Marvin Quijano

Personal information
- Full name: Marvin Quijano
- Date of birth: October 10, 1979 (age 46)
- Place of birth: San Salvador, El Salvador
- Height: 5 ft 9 in (1.75 m)
- Position(s): Midfielder; striker;

Youth career
- 1998: Rio Hondo College

Senior career*
- Years: Team / Apps / (Gls)
- 1999–2001: Los Angeles Galaxy / 32 / (4)
- 1999: → MLS Pro-40 (loan) / 18 / (2)
- 2000: → MLS Pro-40 (loan) / 18 / (10)
- 2002–2003: Colorado Rapids / 6 / (0)

= Marvin Quijano =

Salvadoran footballer (born 1979)

Marvin Quijano (born October 10, 1979, in San Salvador, El Salvador) is a former Salvadoran football (soccer) player who last played midfield for Colorado Rapids of Major League Soccer.

==Beginning==
Marvin Quijano began his soccer career playing for Rio Hondo College in 1998. During this season, he impressed the coaching staff with his technical brilliance and talents.
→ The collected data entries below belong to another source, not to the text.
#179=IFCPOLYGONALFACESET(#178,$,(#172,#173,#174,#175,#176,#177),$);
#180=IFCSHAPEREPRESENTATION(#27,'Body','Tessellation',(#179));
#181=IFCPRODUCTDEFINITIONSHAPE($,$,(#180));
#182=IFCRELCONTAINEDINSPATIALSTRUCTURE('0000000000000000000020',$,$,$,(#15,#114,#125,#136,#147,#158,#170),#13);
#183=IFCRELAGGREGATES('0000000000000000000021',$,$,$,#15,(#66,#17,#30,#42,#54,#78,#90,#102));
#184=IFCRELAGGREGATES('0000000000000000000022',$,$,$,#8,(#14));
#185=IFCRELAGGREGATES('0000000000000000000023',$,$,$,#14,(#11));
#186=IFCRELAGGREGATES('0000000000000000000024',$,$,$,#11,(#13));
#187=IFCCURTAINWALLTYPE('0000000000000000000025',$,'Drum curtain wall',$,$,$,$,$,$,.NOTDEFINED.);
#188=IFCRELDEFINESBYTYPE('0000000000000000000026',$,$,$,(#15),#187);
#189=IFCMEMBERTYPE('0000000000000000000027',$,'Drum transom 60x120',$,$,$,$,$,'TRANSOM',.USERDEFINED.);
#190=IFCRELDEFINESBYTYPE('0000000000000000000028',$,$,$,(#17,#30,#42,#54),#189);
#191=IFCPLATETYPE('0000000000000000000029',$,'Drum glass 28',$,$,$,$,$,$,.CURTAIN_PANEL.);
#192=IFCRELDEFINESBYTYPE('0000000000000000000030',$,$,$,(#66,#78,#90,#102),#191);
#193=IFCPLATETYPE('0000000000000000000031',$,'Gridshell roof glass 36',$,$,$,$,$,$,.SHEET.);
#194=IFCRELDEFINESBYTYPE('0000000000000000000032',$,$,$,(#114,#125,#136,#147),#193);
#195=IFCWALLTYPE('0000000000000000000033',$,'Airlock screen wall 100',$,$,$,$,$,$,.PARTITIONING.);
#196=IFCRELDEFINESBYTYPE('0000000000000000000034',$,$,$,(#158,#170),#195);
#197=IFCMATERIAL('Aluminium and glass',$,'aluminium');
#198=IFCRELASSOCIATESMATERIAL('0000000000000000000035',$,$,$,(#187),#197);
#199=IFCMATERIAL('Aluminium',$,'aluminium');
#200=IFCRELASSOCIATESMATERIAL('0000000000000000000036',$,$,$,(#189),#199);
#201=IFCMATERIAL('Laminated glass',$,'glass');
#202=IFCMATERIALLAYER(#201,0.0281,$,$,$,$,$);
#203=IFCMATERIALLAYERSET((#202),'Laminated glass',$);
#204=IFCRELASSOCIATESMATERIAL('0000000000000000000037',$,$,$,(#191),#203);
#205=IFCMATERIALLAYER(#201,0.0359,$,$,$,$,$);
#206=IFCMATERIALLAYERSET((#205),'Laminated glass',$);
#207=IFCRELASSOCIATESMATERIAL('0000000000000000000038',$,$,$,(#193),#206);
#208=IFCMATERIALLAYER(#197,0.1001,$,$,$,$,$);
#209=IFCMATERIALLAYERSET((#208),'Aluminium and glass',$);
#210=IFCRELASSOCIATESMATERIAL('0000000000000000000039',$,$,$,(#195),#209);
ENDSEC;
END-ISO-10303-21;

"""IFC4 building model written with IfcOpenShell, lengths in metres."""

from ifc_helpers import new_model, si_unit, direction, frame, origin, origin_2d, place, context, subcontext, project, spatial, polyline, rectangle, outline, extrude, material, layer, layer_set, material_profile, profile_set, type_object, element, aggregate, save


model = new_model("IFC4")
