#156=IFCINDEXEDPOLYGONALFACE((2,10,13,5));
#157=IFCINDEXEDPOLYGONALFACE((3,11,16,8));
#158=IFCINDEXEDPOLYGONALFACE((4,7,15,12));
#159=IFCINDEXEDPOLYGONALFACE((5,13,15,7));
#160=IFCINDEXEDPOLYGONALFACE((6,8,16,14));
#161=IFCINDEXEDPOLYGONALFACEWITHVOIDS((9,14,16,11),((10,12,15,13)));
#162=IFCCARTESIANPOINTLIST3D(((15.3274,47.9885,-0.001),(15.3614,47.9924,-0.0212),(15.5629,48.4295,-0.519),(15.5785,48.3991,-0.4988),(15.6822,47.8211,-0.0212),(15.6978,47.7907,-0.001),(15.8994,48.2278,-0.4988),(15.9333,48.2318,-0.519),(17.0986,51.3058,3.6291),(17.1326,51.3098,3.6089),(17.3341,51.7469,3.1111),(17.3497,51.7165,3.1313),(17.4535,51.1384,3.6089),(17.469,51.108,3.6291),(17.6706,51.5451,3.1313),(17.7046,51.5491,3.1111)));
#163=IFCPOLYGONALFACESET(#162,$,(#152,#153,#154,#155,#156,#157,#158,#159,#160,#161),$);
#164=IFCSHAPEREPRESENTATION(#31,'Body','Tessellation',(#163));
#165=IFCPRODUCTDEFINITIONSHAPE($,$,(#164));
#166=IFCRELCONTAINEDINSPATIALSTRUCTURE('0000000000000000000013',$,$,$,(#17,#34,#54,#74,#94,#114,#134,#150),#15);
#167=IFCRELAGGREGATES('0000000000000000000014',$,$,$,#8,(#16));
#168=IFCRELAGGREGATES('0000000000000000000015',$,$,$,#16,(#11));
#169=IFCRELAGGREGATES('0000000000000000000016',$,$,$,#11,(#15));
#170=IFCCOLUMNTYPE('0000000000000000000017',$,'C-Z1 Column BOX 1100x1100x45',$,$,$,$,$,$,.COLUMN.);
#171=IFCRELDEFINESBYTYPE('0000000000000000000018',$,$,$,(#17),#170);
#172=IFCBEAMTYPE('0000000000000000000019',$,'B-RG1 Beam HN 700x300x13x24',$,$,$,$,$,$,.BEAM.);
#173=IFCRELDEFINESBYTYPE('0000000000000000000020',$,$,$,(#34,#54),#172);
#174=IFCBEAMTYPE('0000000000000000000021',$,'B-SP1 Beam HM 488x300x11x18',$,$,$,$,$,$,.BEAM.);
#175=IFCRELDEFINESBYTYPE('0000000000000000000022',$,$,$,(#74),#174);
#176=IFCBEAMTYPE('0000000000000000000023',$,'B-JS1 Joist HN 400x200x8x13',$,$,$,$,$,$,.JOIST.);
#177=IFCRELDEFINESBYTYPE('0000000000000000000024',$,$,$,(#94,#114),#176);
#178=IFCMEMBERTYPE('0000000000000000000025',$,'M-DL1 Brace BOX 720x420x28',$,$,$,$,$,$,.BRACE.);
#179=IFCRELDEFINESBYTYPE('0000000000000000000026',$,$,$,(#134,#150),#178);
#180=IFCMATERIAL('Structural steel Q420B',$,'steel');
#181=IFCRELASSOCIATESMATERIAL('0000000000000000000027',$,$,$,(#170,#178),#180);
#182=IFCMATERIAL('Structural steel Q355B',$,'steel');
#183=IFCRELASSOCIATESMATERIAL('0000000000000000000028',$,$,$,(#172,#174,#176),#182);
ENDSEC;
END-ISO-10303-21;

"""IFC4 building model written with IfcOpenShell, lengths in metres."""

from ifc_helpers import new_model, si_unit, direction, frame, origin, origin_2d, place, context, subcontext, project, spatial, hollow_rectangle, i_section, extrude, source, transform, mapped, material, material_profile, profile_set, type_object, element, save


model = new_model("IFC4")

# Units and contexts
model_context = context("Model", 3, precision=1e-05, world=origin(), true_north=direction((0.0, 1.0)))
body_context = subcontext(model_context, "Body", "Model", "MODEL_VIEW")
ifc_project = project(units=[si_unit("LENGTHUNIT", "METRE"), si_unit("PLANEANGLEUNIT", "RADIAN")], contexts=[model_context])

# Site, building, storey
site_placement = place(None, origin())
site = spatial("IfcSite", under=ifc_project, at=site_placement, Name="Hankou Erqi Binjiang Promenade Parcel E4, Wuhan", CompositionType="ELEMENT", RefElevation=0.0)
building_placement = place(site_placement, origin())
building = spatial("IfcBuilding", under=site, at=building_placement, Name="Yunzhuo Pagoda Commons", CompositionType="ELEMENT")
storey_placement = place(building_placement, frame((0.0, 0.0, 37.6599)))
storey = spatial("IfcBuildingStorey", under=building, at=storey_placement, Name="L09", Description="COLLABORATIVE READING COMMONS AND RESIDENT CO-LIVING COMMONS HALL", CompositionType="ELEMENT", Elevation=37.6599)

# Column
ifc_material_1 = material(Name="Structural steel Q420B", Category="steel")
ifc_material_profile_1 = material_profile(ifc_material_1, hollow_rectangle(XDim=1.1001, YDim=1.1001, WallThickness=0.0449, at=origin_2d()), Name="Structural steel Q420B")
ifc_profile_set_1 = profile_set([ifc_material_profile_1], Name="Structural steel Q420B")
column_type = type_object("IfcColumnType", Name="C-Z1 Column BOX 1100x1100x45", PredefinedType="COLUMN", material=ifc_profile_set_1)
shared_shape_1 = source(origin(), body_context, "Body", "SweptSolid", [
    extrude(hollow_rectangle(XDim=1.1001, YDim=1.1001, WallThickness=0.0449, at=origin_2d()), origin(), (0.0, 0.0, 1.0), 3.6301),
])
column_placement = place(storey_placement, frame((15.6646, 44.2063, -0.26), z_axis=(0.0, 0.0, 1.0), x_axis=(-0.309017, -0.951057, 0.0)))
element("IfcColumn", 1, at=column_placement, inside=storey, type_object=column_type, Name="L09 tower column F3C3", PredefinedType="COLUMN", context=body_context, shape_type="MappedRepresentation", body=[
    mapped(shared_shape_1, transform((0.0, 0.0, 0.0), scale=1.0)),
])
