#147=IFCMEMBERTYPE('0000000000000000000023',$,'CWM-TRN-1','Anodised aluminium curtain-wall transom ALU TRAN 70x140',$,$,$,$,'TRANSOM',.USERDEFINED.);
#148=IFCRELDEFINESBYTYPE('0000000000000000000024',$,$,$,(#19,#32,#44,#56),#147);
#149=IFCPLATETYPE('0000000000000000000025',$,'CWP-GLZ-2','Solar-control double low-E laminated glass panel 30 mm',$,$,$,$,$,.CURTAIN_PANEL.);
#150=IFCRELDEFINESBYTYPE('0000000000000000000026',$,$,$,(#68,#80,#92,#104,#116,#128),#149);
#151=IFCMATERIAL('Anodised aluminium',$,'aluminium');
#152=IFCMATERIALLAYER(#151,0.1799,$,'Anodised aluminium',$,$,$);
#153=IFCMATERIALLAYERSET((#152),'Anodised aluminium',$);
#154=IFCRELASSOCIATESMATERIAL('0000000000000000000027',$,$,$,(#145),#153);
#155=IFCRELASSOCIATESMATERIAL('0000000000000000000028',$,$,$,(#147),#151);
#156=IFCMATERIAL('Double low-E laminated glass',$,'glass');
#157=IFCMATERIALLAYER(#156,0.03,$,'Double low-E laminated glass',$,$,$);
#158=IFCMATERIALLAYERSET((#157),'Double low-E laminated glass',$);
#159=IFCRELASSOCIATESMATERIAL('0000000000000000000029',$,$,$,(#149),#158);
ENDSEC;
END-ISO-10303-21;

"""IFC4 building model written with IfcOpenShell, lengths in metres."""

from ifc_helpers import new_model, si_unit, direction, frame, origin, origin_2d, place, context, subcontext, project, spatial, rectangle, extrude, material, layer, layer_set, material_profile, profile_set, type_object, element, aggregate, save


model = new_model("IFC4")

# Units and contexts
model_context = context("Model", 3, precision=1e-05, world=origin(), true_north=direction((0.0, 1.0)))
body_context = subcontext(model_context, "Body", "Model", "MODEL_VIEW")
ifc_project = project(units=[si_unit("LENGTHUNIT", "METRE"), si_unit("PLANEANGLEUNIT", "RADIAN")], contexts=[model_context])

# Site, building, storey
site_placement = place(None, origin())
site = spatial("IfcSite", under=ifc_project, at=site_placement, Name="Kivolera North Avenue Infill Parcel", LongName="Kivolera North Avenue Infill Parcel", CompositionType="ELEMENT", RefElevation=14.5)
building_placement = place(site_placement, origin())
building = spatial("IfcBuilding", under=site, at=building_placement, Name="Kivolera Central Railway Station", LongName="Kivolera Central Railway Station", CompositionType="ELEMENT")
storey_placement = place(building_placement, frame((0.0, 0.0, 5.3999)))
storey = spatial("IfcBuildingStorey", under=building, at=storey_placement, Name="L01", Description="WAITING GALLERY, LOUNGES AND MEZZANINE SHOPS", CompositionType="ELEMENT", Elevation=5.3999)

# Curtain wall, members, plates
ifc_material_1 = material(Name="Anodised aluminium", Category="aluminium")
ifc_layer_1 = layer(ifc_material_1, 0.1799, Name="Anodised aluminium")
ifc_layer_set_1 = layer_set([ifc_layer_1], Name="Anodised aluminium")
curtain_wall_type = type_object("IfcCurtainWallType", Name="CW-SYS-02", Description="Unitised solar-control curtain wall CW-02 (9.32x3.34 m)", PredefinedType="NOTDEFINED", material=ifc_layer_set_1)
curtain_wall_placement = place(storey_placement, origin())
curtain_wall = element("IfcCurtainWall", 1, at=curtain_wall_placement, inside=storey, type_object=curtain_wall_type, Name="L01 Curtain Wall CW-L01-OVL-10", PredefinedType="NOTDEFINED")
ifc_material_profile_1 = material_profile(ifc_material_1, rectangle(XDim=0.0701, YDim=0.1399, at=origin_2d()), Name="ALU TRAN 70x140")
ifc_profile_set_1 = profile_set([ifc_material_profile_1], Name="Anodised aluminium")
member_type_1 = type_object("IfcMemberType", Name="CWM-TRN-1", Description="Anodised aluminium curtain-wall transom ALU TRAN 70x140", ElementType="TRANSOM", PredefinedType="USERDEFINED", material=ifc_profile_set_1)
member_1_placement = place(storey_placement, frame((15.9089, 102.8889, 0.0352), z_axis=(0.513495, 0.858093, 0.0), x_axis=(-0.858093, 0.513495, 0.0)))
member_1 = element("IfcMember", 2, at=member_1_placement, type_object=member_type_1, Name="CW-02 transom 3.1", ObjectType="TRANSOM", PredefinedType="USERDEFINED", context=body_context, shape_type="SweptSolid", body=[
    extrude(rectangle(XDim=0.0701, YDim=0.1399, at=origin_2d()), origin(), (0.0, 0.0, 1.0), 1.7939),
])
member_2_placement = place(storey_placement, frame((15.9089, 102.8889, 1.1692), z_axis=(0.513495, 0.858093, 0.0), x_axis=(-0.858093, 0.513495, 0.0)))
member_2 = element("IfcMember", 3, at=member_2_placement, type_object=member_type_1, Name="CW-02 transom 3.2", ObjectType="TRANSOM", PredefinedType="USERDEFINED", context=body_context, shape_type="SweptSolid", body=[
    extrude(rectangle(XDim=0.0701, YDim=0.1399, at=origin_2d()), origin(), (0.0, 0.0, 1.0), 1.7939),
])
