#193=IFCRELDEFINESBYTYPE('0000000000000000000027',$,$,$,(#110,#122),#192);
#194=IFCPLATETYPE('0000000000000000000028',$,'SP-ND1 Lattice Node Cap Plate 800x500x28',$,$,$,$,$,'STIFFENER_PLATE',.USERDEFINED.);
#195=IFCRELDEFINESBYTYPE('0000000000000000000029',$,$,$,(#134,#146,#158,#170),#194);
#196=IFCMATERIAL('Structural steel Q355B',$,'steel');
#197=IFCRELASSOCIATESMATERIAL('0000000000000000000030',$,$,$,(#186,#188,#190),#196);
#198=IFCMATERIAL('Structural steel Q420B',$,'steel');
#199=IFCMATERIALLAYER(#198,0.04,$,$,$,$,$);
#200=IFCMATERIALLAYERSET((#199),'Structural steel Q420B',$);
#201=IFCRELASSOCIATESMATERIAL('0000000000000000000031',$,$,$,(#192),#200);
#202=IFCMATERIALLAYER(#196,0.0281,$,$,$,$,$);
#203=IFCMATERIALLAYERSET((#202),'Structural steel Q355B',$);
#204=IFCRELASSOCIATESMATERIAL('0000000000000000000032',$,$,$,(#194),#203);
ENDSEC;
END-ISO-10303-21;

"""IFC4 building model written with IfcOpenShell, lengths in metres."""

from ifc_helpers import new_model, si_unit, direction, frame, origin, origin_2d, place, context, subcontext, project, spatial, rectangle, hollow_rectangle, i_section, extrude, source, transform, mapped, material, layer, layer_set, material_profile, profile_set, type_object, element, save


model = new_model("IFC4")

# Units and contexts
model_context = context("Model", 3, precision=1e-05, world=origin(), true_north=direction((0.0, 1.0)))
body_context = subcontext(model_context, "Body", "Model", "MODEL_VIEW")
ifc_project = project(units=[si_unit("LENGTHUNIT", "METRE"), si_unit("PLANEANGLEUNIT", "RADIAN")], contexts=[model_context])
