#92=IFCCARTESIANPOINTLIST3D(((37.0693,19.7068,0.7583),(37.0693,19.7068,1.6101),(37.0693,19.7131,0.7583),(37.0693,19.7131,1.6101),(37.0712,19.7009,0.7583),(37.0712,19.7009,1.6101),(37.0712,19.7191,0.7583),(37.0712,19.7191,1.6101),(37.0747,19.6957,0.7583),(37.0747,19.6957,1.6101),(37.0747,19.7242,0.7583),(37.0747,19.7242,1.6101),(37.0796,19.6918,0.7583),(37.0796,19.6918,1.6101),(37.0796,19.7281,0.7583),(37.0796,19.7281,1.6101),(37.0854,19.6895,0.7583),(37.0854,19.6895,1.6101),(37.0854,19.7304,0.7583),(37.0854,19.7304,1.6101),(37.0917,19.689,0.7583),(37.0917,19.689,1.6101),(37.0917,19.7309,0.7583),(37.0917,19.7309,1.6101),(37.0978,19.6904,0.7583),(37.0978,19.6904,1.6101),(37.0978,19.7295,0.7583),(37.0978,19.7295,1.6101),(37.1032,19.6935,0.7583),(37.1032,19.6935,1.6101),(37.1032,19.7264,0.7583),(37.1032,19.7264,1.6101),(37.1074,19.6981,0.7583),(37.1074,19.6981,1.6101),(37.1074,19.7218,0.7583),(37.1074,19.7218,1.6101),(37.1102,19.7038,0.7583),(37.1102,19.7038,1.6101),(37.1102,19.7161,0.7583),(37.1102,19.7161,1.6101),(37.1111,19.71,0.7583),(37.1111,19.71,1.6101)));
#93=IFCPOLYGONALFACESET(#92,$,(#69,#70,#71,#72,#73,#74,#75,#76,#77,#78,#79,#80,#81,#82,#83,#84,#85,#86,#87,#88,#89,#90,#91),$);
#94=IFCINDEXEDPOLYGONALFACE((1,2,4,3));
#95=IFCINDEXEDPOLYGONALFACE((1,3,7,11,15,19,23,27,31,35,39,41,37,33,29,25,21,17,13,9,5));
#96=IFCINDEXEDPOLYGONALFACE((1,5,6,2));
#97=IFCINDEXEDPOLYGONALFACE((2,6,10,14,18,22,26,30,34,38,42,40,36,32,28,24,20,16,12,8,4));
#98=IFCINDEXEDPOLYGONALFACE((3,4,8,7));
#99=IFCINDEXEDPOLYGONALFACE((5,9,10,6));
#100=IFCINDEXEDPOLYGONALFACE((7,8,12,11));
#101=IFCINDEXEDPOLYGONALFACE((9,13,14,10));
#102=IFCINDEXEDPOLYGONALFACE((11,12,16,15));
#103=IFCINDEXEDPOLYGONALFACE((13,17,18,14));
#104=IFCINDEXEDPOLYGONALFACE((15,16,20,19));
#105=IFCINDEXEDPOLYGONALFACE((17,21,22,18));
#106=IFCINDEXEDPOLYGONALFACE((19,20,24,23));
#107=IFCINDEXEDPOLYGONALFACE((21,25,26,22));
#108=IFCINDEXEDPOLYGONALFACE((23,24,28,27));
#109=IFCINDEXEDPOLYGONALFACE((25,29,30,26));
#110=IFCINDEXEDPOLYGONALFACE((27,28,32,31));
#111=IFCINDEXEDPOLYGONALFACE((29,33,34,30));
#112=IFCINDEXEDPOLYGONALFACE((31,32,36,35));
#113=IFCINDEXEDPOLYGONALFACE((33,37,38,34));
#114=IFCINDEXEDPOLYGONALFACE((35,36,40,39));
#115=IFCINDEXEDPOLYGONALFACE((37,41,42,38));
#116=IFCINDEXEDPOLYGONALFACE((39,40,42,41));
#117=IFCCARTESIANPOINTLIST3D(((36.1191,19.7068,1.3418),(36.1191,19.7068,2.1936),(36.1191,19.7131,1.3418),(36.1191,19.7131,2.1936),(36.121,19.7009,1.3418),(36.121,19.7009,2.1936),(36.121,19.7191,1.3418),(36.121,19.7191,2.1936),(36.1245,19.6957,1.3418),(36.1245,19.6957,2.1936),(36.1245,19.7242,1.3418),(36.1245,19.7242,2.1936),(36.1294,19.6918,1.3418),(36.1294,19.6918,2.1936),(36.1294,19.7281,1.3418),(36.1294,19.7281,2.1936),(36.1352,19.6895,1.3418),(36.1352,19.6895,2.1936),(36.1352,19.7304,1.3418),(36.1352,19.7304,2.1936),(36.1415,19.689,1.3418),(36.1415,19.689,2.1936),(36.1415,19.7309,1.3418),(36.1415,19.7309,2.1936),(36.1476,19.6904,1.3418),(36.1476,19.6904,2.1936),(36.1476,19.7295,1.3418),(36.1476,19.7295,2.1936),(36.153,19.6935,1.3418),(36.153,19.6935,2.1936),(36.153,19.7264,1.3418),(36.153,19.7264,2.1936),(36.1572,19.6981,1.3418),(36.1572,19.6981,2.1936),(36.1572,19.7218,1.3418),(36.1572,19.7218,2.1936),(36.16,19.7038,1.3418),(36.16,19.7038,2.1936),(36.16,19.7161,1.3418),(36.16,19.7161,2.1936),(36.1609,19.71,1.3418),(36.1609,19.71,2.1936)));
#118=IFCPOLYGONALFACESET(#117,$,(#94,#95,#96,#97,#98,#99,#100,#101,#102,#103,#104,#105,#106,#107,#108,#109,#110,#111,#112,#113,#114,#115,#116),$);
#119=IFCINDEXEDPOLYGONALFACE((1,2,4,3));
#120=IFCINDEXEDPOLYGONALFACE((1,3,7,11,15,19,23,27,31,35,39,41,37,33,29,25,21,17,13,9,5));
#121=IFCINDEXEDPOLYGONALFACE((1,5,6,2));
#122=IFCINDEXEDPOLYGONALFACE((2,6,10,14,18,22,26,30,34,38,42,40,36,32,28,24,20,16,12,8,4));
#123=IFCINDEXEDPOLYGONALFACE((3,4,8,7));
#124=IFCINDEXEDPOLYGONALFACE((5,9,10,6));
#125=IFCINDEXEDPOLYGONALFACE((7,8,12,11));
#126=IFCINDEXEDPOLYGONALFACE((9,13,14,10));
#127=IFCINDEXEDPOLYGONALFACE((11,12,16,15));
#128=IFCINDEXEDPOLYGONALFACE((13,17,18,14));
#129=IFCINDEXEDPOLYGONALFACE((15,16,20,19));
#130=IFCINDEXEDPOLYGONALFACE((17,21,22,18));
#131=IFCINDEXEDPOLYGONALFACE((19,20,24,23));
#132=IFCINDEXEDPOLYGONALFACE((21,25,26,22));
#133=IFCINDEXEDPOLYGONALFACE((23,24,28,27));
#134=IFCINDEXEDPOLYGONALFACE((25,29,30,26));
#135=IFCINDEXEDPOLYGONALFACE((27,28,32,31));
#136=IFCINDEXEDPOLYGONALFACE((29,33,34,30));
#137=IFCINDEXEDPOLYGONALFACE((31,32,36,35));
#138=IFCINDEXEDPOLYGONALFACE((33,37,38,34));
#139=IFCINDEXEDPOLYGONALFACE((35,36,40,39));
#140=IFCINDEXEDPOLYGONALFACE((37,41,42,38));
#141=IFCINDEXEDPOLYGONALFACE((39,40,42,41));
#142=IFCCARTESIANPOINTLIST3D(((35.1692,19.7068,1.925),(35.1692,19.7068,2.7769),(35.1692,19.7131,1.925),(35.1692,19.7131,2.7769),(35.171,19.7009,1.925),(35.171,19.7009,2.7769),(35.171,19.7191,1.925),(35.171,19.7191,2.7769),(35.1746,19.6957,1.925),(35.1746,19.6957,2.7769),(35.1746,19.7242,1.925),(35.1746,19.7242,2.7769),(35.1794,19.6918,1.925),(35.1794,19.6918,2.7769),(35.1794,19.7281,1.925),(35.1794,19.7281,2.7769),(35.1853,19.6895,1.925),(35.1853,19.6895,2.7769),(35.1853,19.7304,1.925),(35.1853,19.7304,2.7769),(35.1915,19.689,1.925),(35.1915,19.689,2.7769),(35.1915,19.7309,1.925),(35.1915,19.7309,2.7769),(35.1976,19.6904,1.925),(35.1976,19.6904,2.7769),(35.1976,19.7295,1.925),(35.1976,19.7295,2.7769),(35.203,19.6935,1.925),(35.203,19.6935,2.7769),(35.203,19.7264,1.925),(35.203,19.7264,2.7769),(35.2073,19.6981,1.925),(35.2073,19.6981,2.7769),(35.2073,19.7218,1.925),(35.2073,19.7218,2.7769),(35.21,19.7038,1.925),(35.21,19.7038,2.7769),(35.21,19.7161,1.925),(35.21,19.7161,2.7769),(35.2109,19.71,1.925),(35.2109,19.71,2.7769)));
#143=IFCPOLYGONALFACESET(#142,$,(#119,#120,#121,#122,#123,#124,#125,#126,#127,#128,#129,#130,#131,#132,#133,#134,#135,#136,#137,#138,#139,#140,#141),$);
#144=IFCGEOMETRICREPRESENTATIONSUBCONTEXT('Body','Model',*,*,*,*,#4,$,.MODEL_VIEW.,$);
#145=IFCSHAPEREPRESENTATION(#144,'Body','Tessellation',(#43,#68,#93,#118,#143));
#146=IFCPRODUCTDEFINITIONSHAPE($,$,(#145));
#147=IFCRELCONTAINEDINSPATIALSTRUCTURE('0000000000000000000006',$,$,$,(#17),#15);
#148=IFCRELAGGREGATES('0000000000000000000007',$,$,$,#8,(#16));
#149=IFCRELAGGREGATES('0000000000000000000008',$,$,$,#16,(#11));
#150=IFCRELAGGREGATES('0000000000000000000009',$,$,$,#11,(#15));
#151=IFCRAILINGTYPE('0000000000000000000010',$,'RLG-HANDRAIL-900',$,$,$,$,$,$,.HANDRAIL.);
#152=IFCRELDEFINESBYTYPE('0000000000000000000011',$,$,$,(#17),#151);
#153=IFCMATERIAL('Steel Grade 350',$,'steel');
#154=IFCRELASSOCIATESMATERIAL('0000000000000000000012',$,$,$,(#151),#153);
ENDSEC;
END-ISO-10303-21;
Quijano had an extremely successful season, scoring 24 goals in 30 games and winning every award possible (including American Selections 1998, Far West East Player of the Year 1998, and Rio Honda Player of the Year Award 1998). Quijano was part of the Project 40 program.

==L.A. Galaxy==
Marvin Quijano decided to try out for the Los Angeles Galaxy roster after showing impressive skills and talent and was signed up in 1999. Quijano played alongside fellow Salvadoran Mauricio Cienfuegos between 1999 and 2001 with 32 games and 4 goals. Quijano achieved three medals and achievements with the 2000 CONCACAF Champions Cup, 2001 US Open Cup 2001, and 2001 MLS Supporters' Shield. The Galaxy released him at the end of the 2001 season.

==Colorado Rapids==
Marvin Quijano impressed Colorado Rapids coach Tim Hankinson. They agreed to a deal for two years between 2002 and 2003; however, Marvin's experience was an unhappy one, playing six games in 2002 and playing no games in 2003. He was released.

==Recent activities==
Marvin Quijano was appointed head coach for the Denver Soccer Club, a semi-professional club, in 2006. He was appointed as the youth coach of Colorado Rapids.